Sun. Jul 14th, 2024

Nigeria: Agric Experts Advocate ‘Smart Farming Practices’ To Combat Climate Change, Others

Dr. Clara Ifeanyiobi, Convener, Society for Climate Action in Nigeria (SCAN) flanked by Resource persons and participants at the 'climate smart training Workshop in Port Harcourt

By Bon Peters

Agriculture experts in Nigeria have advocated “smart farming practices” to combat climate change, improve productivity and enhance food security in the country.

They noted that if climate change challenges were not nipped in the bud, more than 52 per cent of the country’s agricultural production would be threatened by 2050.

The experts under the aegis of The Society of Action in Nigeria (SCAN), in collaboration with the University of Port Harcourt, disclosed this during a workshop organized for women and youth leaders on Thursday in Port Harcourt the Rivers state capital.

A Senior Lecturer, Department of Agricultural Extension and Development Studies, University of Port Harcourt, Dr Clara Ifeanyiobi who was the project Lead of the programme, said the aim of the workshop was to equip farmers with adaptative skills on climate change.

She noted that the project was a micro grant from Adaptation Research Alliance to the Society for Climate Action in Nigeria (SCAN) in collaboration with the University of Port Harcourt and the University of Nigeria Nsuka.

According to Ifeanyiobi, when these skills are incorporated in agri-business, huge losses usually associated with climate change would be averted while farmers’ livelihoods would also gain a positive turnaround.

In her words, “Today’s training is tailored to the identified areas of need which is majorly in the area of crop and soil management practices for cassava, maize and vegetable farming”

“We are excited that there will be a huge turnaround in this year’s harvest, we’ve been in the business of equipping farmers with climate smart agricultural practices for over 10 years and our results from our target farmers have been quite laudable.”

“This one is a lot bigger, haven synergized with key agencies like the Nigeria Meteorological Agency (NIMET) and the International Institute of Tropical Agriculture (IIT).”

“Beneficiaries are also expected to go to their various Communities and establish the climate smart rural women and youth groups.”

“We are also going to support the various trainings at the community level.
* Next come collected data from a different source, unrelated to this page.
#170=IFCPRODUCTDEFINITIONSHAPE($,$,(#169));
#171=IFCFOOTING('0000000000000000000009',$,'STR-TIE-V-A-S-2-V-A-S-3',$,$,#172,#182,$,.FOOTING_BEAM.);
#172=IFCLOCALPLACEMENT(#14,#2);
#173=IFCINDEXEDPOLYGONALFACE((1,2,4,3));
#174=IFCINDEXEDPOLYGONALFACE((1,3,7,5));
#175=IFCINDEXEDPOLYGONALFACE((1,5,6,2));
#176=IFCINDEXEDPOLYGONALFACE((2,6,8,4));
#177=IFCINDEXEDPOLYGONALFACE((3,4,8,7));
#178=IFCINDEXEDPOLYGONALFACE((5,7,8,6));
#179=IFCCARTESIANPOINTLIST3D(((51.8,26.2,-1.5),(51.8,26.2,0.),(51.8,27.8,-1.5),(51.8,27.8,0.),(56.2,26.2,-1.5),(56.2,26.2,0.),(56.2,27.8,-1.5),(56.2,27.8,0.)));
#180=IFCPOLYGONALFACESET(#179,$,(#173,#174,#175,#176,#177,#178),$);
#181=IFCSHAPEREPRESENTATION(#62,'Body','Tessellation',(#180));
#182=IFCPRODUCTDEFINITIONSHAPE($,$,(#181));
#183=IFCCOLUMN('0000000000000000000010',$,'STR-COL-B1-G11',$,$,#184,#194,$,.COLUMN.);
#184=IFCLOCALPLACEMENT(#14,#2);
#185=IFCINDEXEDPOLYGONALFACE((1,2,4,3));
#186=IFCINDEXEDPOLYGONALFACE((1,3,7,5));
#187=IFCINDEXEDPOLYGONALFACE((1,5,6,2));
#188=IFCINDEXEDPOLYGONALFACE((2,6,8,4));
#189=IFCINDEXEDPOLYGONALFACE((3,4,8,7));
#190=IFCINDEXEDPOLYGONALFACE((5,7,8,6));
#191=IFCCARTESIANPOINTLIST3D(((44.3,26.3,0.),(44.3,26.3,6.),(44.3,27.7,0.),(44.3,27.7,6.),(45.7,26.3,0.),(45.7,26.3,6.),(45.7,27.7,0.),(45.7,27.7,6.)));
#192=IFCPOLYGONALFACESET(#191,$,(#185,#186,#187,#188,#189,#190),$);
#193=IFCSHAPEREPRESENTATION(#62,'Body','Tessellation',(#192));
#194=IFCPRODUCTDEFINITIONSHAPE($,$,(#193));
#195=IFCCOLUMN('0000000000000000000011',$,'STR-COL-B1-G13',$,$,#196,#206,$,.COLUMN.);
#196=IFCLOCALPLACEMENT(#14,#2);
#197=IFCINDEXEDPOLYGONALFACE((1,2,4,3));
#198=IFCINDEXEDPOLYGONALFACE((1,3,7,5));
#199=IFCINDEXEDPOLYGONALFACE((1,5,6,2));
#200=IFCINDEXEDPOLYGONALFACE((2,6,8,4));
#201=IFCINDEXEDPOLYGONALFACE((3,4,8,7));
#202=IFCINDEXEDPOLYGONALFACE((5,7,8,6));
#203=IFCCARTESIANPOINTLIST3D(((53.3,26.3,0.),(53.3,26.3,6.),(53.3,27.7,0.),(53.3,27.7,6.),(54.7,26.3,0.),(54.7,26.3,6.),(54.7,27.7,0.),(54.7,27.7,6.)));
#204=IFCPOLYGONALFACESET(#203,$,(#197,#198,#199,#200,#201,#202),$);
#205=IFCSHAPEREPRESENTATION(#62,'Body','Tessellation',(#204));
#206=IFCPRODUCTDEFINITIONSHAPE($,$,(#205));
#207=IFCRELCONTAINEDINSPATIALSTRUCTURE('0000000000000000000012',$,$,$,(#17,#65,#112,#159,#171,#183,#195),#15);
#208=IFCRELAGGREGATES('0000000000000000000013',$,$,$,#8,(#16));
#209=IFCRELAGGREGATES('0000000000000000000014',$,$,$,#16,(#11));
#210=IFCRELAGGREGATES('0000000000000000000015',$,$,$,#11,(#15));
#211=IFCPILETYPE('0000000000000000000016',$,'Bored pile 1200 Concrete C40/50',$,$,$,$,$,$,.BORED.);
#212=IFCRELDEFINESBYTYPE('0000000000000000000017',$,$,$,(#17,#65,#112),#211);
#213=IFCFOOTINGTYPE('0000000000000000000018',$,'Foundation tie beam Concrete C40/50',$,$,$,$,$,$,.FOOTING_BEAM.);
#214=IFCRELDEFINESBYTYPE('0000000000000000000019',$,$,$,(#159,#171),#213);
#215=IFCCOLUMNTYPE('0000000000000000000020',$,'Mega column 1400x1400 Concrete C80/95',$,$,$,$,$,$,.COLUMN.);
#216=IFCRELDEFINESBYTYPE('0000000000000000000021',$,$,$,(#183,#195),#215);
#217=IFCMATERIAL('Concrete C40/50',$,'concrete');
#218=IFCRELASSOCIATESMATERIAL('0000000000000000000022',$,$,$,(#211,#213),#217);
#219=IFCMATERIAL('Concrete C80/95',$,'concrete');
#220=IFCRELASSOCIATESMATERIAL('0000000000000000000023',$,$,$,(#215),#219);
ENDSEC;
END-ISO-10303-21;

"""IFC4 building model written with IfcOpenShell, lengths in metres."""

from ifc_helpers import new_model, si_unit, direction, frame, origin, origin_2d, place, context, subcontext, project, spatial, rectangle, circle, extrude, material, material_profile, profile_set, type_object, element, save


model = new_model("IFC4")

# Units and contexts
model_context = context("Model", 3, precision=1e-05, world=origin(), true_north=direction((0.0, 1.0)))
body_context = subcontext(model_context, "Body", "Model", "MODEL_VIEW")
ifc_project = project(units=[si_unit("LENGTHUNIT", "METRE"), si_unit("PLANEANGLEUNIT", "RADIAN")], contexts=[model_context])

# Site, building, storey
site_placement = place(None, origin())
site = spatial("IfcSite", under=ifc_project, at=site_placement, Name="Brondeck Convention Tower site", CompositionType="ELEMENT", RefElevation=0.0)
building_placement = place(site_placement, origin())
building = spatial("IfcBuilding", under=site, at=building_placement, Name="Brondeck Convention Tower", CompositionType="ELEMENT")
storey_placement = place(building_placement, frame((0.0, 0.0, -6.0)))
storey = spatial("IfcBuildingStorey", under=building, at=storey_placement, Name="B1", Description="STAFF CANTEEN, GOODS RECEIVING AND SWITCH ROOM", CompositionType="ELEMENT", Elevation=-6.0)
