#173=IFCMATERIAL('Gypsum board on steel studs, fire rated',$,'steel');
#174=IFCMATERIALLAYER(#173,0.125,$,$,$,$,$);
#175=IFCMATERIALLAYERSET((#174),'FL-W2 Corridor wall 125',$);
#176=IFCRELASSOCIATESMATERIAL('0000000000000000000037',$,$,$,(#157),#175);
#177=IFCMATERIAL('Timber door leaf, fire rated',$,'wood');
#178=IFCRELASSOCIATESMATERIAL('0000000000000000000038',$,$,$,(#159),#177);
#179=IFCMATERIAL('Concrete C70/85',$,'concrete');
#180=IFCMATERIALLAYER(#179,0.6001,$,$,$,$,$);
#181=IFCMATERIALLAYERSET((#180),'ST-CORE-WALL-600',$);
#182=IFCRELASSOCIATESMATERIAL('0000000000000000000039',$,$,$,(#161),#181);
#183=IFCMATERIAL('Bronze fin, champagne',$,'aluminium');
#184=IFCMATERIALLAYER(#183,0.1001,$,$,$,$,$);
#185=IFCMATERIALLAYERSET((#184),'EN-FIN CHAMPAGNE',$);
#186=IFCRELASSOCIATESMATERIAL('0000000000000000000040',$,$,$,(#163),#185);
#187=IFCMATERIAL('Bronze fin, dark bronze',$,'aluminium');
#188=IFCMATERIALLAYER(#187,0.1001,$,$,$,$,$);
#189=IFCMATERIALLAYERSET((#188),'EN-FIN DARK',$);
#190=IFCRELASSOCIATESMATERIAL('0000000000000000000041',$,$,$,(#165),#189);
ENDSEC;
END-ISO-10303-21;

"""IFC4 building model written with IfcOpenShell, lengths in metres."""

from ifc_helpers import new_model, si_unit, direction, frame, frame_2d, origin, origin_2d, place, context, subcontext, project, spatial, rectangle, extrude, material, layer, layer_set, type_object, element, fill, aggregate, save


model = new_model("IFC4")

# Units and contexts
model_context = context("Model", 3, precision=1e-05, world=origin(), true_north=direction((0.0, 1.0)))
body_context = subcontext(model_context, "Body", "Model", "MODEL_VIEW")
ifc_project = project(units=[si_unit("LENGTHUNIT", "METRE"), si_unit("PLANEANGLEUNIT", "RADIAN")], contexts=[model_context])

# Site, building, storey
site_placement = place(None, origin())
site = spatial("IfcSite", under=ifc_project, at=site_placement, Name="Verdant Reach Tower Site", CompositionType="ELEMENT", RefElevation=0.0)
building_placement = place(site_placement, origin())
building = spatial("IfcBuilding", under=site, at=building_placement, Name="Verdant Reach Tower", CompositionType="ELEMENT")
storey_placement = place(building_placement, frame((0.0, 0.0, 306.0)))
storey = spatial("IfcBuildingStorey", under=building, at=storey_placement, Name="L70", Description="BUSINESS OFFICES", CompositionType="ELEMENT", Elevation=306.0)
So, we look forward to a bumper harvest across the 23 local councils of the state,” she said.

Ifeanyiobi also stated that improved crop varieties like cassava stems, maize (SC- 526) were also distributed to participants of the workshop (farmers) drawn from the 23 local government areas of the state.

Another resource person, Dr Doris Akachukwu, Senior Lecturer at the  Micheal Opara University of Agriculture, Umudike, Abia State, urged the Federal Government to utilise agricultural resources in the country to tackle current food crises .

“Here in Nigeria, we have the land and manpower; rather than desire things that are far fetched, we should put in more commitment and funding for agriculture.

“Nigeria should begin to look inward, fund large scale production to ensure food sufficiency and employment for our teaming youths,” she said.

Akachukwu expressed worry over poor commitment to Agriculture by farmers and youths in the country, adding that lack of basic techniques, seedlings and environmental pollution, effects of green house gases were some of the impediments to Agricultural productivity in the Niger Delta area.

Similarly, Dr Bassey Udom, an Associate Professor, and soil scientist at the University of Port Harcourt, said that the training would help the farmers on innovative soil practices to help cushion climate change.

He also urged the Federal Government to tackle security which he highlighted as key to agricultural prosperity.

Our Correspondent reports that various resource persons in the field of sciences especially soil scientists and crop scientists proffered solutions to some of the challenges and complaints by the participants.